The intensity of the agitations connected with sun-spots can be most fully appreciated from spectroscopic observations. Lines torn, displaced, and _branching_, testify to velocities in the line of sight of the matter surrounding or overlaying them up to three or four hundred miles a second! These tumultuous uprushes and downrushes are not of a systematic nature; they afford no insight, consequently, into the formative laws of spots. Of these we are indeed far more ignorant than Sir William Herschel supposed himself to be. Recent work on the sun has provided a grand store of facts ascertained with surprising skill and ingenuity. But they want _colligating_. No framework has yet been constructed that will hold them, each in its proper place. It has been truly said: “Considering the rapid progress which has been made in the observational or practical side of solar physics, it must be confessed that the theoretical side has been very imperfectly developed. Almost every student of solar physics has his own theory, and usually he himself is the only one who believes in it.”

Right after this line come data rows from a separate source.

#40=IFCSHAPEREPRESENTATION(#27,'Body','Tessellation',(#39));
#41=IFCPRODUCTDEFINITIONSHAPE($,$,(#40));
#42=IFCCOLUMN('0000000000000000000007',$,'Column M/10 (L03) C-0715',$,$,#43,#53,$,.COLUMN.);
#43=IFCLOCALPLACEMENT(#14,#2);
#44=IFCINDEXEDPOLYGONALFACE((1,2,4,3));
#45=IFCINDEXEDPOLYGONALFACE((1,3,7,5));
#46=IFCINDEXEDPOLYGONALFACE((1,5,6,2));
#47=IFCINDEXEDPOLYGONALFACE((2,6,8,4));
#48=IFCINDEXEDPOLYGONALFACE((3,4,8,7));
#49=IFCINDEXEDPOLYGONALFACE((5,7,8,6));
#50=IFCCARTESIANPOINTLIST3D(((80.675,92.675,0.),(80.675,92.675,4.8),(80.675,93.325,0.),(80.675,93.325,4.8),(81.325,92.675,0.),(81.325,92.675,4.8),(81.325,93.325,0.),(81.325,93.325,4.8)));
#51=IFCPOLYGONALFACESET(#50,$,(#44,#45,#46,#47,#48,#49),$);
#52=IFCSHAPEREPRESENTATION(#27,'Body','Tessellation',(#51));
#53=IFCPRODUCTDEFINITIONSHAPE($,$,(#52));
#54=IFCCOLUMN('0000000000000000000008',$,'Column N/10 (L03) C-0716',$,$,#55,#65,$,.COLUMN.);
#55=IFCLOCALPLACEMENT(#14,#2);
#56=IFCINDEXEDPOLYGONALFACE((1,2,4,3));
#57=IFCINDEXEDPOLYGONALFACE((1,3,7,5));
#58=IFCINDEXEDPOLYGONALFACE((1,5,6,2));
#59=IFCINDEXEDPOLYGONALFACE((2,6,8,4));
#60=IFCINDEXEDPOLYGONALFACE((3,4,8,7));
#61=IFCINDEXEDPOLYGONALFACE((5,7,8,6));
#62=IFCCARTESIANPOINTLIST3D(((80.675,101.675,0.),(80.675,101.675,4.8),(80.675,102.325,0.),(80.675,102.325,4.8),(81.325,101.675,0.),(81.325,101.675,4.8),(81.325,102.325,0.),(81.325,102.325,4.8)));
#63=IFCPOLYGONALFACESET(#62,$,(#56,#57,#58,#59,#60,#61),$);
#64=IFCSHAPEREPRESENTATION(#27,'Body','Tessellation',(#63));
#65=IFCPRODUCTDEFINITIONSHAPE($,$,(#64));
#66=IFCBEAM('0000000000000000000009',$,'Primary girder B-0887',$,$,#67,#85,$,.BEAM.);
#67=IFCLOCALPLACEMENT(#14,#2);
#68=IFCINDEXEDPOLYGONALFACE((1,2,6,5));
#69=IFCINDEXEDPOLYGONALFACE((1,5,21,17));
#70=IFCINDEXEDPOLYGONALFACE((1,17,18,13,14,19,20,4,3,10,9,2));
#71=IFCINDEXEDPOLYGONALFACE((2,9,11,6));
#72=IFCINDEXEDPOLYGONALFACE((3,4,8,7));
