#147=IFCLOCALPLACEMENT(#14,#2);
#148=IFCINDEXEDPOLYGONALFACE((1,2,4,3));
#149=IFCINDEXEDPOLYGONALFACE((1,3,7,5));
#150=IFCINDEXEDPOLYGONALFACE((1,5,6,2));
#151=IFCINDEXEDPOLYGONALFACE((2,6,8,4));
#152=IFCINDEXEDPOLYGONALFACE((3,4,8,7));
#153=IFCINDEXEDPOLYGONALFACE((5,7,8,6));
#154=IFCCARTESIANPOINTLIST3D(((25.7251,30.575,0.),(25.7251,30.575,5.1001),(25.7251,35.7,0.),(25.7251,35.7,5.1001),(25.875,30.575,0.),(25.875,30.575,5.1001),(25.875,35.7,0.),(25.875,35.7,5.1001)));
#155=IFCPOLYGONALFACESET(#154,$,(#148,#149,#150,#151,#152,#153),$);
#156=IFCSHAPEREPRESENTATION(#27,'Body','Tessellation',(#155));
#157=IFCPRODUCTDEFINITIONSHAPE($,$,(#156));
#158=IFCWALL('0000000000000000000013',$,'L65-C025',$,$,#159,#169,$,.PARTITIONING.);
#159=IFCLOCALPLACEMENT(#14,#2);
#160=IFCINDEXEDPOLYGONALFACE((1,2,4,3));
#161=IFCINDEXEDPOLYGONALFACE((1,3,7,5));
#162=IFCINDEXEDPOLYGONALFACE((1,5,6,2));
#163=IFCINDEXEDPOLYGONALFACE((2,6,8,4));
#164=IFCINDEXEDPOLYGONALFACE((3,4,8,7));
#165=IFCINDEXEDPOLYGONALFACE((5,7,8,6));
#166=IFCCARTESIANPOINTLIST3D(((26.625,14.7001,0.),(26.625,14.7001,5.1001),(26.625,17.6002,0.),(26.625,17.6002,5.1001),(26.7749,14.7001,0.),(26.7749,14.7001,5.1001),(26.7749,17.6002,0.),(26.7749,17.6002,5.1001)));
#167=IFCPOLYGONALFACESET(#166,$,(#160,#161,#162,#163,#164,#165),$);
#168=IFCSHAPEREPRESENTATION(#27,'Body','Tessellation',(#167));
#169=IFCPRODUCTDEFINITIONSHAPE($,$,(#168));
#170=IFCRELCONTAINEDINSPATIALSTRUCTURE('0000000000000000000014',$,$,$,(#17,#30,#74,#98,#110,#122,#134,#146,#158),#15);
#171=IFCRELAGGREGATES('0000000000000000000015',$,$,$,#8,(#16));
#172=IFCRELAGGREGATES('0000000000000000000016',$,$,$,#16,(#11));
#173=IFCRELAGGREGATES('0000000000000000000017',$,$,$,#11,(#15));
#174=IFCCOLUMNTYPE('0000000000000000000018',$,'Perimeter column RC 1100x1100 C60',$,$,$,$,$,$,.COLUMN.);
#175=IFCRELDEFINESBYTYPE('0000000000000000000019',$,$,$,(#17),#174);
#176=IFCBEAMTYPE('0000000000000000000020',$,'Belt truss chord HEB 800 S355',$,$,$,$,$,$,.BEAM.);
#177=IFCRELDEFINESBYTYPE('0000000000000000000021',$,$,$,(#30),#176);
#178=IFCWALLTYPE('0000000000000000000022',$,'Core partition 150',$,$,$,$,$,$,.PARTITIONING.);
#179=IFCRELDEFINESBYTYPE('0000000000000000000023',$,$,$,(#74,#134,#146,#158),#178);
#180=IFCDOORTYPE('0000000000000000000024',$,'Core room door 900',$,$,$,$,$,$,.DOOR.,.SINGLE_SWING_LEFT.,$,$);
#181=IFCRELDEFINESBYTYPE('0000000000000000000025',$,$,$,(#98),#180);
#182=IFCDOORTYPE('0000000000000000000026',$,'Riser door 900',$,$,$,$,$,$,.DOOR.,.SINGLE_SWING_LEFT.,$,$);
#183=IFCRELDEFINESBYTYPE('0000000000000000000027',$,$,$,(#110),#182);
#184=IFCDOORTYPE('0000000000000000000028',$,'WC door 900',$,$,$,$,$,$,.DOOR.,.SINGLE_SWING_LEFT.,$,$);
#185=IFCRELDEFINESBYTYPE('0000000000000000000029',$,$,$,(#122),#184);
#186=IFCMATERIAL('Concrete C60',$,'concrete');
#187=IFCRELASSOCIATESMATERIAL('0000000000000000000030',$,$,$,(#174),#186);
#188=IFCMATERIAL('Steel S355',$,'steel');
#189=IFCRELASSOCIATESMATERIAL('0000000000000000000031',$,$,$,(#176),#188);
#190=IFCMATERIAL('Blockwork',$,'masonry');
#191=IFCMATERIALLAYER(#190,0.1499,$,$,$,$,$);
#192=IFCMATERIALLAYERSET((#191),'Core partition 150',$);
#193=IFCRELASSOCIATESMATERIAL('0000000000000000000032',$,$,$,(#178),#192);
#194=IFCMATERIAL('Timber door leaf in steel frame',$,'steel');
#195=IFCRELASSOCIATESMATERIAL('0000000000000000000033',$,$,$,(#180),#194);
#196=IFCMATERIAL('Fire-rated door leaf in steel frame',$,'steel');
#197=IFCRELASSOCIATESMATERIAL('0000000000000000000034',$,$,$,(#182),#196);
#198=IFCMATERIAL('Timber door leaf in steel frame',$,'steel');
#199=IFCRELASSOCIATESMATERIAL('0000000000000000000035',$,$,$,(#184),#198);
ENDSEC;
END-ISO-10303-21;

Since Sir John Herschel propounded his “cyclonic theory” of sun-spots in 1847, there has been a marked tendency to assimilate solar to terrestrial phenomena. But the circumstances of the two bodies are so utterly unlike that such attempts can only prove misleading. The earth is a solid globe warmed from without, hence, with hot tropical and frigid polar regions. This disparity is the prime motor in the circulation of its atmosphere and oceans; a circulation, essentially in latitude, directed towards the equalisation of temperature. The sun, on the contrary, is heated from within; there is no appreciable difference of temperature between its poles and equator; and its circulation is of the bodily kind belonging to fluid masses, and is carried on by vertical currents effecting exchanges of heat between the surface and the profundities beneath. Were these to stop, or even notably to slacken, the sun would promptly cease to shine, and lapse into the condition of a “dark star.” It is not then surprising that the drifting movements of the photosphere are _along_, not _across_, parallels of latitude. Solar meteorology, in a word, has almost nothing in common with terrestrial meteorology; and explanatory schemes, based upon an analogy which does not exist, must sooner or later be consigned to the limbo of vanities.